I love the _Up_ costumes!


----------



## HexMe (Jul 23, 2009)

Wow, that sounds amazing! I wish I could host a party as successful as yours. Or at least get invited to one.


----------



## Paint It Black (Sep 15, 2011)

awesome costumes!


----------



## Edward (Sep 24, 2010)

Consider yourself invited next year HexMe, if you don't mind the drive! Happy Halloween!!! lol!!!


----------



## MissKiki (Oct 16, 2011)

Love the strolling magician - great pics!


----------



## goingoverboard (Oct 3, 2012)

I wish my friends were that awesome!


----------



## tweety16_6 (Aug 10, 2011)

looks like a great party!


----------



## ScaredyCat (Sep 9, 2011)

That Frankenstein costume is awesome!


----------



## Edward (Sep 24, 2010)

Thank you all my Halloween friends! Hope everyone has a great Halloween time tonight!!!


----------



## tgoodman (Sep 25, 2009)

Where do you host your party where you can have 120+ guests? Do you foot the bill for everything or do guests contribute? Looks like it was a great time!


----------



## Edward (Sep 24, 2010)

We rent different venues for our party. In the past we actually rented a castle ( Castle McCulloch, Jamestown, NC ), this year we rented a place called Magnolia Manor, ( Colfax, NC ) which is a huge southern mansion. Both of these venues do a lot of weddings, and social events. And yes, we take care of the entire event. We don't want our friends to have to contribute to an event that we host. It is our one big event of the year, so we plan for it the whole year leading up to the day it takes place. We're already thinking about next year's party! Thanks for all the compliments friends.
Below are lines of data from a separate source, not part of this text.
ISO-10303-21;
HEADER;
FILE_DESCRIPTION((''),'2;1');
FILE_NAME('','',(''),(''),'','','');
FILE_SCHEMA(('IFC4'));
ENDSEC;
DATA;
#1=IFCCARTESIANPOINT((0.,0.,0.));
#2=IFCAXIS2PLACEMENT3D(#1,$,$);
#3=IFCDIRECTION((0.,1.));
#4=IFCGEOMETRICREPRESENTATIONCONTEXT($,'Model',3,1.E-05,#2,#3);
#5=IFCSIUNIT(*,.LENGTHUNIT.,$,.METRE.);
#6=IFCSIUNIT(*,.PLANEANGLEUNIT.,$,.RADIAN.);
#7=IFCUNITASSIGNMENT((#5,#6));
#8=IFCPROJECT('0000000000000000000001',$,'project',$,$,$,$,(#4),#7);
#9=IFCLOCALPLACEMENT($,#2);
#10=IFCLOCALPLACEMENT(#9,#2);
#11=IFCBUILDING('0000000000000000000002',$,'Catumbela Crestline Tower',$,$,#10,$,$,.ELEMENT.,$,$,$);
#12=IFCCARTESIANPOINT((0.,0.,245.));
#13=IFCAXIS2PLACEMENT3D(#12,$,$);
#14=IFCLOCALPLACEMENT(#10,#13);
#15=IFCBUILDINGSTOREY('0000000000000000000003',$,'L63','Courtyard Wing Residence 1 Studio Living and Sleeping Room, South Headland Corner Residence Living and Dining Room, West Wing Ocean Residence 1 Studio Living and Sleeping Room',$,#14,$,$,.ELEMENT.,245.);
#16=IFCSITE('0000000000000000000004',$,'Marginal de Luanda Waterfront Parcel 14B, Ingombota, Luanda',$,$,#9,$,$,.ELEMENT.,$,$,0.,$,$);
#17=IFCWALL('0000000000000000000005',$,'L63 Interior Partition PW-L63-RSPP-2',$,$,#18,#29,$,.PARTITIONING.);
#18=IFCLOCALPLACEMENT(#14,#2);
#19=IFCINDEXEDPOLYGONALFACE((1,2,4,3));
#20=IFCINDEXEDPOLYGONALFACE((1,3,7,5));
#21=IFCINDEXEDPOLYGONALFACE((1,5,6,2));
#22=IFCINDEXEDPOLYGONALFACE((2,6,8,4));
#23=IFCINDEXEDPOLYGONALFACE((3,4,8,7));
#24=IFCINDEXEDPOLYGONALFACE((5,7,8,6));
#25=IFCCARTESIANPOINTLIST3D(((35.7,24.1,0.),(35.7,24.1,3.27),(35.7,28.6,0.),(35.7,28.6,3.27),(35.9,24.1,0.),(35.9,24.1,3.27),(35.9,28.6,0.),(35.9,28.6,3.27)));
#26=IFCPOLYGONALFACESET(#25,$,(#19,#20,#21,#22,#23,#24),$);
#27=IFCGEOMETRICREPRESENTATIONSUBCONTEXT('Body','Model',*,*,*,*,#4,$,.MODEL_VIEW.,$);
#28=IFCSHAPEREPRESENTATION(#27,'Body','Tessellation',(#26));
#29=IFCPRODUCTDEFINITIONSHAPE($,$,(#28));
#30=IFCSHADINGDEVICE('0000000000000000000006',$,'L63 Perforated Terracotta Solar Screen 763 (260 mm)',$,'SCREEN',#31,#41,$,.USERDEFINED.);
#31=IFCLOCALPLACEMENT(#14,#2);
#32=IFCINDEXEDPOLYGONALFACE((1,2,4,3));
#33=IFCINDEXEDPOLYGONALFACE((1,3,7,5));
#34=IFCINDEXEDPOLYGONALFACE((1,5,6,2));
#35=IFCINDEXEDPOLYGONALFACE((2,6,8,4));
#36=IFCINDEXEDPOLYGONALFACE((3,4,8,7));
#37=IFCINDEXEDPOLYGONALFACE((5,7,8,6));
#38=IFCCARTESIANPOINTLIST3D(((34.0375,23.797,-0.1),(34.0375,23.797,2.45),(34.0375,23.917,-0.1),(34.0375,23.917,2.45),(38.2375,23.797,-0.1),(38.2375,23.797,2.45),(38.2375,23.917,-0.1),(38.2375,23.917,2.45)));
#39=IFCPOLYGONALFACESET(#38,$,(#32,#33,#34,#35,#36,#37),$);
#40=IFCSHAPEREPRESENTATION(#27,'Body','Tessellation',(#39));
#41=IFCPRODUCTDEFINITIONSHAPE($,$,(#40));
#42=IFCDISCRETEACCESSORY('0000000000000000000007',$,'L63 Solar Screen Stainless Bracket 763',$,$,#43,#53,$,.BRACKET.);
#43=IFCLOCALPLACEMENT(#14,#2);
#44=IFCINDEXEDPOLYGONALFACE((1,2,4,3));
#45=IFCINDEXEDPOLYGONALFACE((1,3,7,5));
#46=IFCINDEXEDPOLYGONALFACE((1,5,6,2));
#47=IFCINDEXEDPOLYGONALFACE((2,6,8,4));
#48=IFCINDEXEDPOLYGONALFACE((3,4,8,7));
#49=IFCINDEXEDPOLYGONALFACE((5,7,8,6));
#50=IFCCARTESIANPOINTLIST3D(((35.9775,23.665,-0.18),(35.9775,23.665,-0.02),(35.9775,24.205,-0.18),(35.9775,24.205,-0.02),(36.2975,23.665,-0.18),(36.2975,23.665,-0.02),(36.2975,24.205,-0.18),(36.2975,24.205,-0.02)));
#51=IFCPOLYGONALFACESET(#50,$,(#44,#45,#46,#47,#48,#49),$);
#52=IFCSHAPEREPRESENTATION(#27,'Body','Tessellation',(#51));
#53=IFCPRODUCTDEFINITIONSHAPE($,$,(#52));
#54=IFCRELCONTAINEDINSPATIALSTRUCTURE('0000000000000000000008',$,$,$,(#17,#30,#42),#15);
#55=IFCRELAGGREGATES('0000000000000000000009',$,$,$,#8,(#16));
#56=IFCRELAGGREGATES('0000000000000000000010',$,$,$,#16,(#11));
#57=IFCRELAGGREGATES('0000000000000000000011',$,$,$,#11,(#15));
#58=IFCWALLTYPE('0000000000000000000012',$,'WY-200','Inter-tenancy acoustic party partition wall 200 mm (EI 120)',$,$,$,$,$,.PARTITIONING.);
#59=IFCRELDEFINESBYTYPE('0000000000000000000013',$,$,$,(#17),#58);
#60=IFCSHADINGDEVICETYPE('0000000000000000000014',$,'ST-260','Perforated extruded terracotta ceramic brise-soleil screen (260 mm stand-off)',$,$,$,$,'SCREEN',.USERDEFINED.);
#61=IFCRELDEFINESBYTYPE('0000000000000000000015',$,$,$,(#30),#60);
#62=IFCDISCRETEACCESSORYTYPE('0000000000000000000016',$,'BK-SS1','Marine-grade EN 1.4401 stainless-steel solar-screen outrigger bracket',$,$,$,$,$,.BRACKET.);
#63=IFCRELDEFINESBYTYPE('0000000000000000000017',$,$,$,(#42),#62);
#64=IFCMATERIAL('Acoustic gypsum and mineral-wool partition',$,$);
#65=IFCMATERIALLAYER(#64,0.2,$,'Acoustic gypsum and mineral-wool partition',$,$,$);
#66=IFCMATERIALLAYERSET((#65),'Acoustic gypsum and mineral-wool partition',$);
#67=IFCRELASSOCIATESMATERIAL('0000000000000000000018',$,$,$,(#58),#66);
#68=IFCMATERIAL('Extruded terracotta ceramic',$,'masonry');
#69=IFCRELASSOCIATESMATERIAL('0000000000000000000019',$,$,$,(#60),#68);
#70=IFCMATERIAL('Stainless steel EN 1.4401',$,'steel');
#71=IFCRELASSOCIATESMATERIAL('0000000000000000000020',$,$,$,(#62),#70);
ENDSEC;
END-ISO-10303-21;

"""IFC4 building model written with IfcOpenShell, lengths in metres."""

from ifc_helpers import new_model, si_unit, direction, frame, frame_2d, origin, origin_2d, place, context, subcontext, project, spatial, rectangle, extrude, material, layer, layer_set, type_object, element, save


model = new_model("IFC4")

# Units and contexts
model_context = context("Model", 3, precision=1e-05, world=origin(), true_north=direction((0.0, 1.0)))
body_context = subcontext(model_context, "Body", "Model", "MODEL_VIEW")
ifc_project = project(units=[si_unit("LENGTHUNIT", "METRE"), si_unit("PLANEANGLEUNIT", "RADIAN")], contexts=[model_context])

# Site, building, storey
site_placement = place(None, origin())
site = spatial("IfcSite", under=ifc_project, at=site_placement, Name="Marginal de Luanda Waterfront Parcel 14B, Ingombota, Luanda", CompositionType="ELEMENT", RefElevation=0.0)
building_placement = place(site_placement, origin())
building = spatial("IfcBuilding", under=site, at=building_placement, Name="Catumbela Crestline Tower", CompositionType="ELEMENT")
storey_placement = place(building_placement, frame((0.0, 0.0, 245.0)))
storey = spatial("IfcBuildingStorey", under=building, at=storey_placement, Name="L63", Description="Courtyard Wing Residence 1 Studio Living and Sleeping Room, South Headland Corner Residence Living and Dining Room, West Wing Ocean Residence 1 Studio Living and Sleeping Room", CompositionType="ELEMENT", Elevation=245.0)

# Wall
ifc_material_1 = material(Name="Acoustic gypsum and mineral-wool partition")
ifc_layer_1 = layer(ifc_material_1, 0.2, Name="Acoustic gypsum and mineral-wool partition")
ifc_layer_set_1 = layer_set([ifc_layer_1], Name="Acoustic gypsum and mineral-wool partition")
wall_type_1 = type_object("IfcWallType", Name="WY-200", Description="Inter-tenancy acoustic party partition wall 200 mm (EI 120)", PredefinedType="PARTITIONING", material=ifc_layer_set_1)
wall_1_placement = place(storey_placement, frame((35.8, 24.1, 0.0), z_axis=(0.0, 0.0, 1.0), x_axis=(0.0, 1.0, 0.0)))
element("IfcWall", 1, at=wall_1_placement, inside=storey, type_object=wall_type_1, Name="L63 Interior Partition PW-L63-RSPP-2", PredefinedType="PARTITIONING", context=body_context, shape_type="SweptSolid", body=[
    extrude(rectangle(XDim=4.5, YDim=0.2, at=frame_2d((2.25, 0.0))), origin(), (0.0, 0.0, 1.0), 3.27),
])

# Shared definitions
ifc_material_2 = material(Name="Stainless steel EN 1.4401", Category="steel")

# Shading device
ifc_material_3 = material(Name="Extruded terracotta ceramic", Category="masonry")
shading_device_type = type_object("IfcShadingDeviceType", Name="ST-260", Description="Perforated extruded terracotta ceramic brise-soleil screen (260 mm stand-off)", ElementType="SCREEN", PredefinedType="USERDEFINED", material=ifc_material_3)
shading_device_placement = place(storey_placement, frame((36.1375, 23.857, -0.1), z_axis=(0.0, 0.0, 1.0), x_axis=(1.0, 0.0, 0.0)))
element("IfcShadingDevice", 2, at=shading_device_placement, inside=storey, type_object=shading_device_type, Name="L63 Perforated Terracotta Solar Screen 763 (260 mm)", ObjectType="SCREEN", PredefinedType="USERDEFINED", context=body_context, shape_type="SweptSolid", body=[
    extrude(rectangle(XDim=4.2, YDim=0.12, at=origin_2d()), origin(), (0.0, 0.0, 1.0), 2.55),
])

# Discrete accessory
discrete_accessory_type = type_object("IfcDiscreteAccessoryType", Name="BK-SS1", Description="Marine-grade EN 1.4401 stainless-steel solar-screen outrigger bracket", PredefinedType="BRACKET", material=ifc_material_2)
discrete_accessory_placement = place(storey_placement, frame((36.1375, 23.935, -0.18), z_axis=(0.0, 0.0, 1.0), x_axis=(1.0, 0.0, 0.0)))
element("IfcDiscreteAccessory", 3, at=discrete_accessory_placement, inside=storey, type_object=discrete_accessory_type, Name="L63 Solar Screen Stainless Bracket 763", PredefinedType="BRACKET", context=body_context, shape_type="SweptSolid", body=[
    extrude(rectangle(XDim=0.32, YDim=0.54, at=origin_2d()), origin(), (0.0, 0.0, 1.0), 0.16),
])

save(model, "model.ifc")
Like you all, we do love Halloween!


----------



## HexMe (Jul 23, 2009)

Thanks for the invite, Edward! Where in N.C. are you? My husband and I have our house on the market right now and we're hoping to move to the Raleigh area as soon as it sells, so the drive might not be so bad after all!


----------



## rexygirl (Nov 2, 2009)

Awesome costumes!!


----------



## Edward (Sep 24, 2010)

Hey HexMe, we're in High Point, about 1.5 hours from Raleigh. Let us know if you do make the move, we'll put you on the guest list! Happy Halloween!!!


----------



## AthenaHM (Oct 27, 2011)

More to come , but these are some good times that were had by all at our party on the 27th. We had about 50 people there. You probably can't see me, but in the group photo, I am squished underneath the other four people in the photo. The handsome guy in the bowler is my other half


----------



## Edward (Sep 24, 2010)

Looks like your guest were enjoying themselves on Saturday!! Have a great Halloween night tonight !!


----------



## tgoodman (Sep 25, 2009)

Edward, it sounds amazing! I'm curious... how long have you been hosting an annual party? Do you decorate extensively at each venue you choose for your party? I have toyed with the idea of having our party somewhere other than our home. Have you ever thought of renting a photo booth? Just an idea for your party next year, as they're pretty popular around here but a bit too expensive for my party. I imagine with the size of your party it would be a big hit.  Happy Halloween... 



Edward said:


> We rent different venues for our party. In the past we actually rented a castle ( Castle McCulloch, Jamestown, NC ), this year we rented a place called Magnolia Manor, ( Colfax, NC ) which is a huge southern mansion. Both of these venues do a lot of weddings, and social events. And yes, we take care of the entire event. We don't want our friends to have to contribute to an event that we host. It is our one big event of the year, so we plan for it the whole year leading up to the day it takes place. We're already thinking about next year's party! Thanks for all the compliments friends. Like you all, we do love Halloween!


----------



## Edward (Sep 24, 2010)

We have been hosting parties since 1993. Only in the last 3 or 4 years though have the parties grown to the size they are now. Earlier we kept them much smaller. We considered a photo booth this year, however we felt like the character artist would bring a more period feel to our party, as well as the strolling magician. Both were a huge hit. We do some of the decorating and our caterer does some as well. All together it usually is pretty extensive, but well worth it. Thanks for the suggestions though! Happy Halloween!!


----------



## crobin (Jun 14, 2012)

AthenaHM said:


> View attachment 140938
> View attachment 140941
> View attachment 140949
> More to come , but these are some good times that were had by all at our party on the 27th. We had about 50 people there. You probably can't see me, but in the group photo, I am squished underneath the other four people in the photo. The handsome guy in the bowler is my other half


Love the Captain Morgan pose in the first pic! Just wrote an article about the real Henry Morgan, he was quite a pirate! (Or privateer, to be more precise...)


----------



## AthenaHM (Oct 27, 2011)

Edward said:


> Looks like your guest were enjoying themselves on Saturday!! Have a great Halloween night tonight !!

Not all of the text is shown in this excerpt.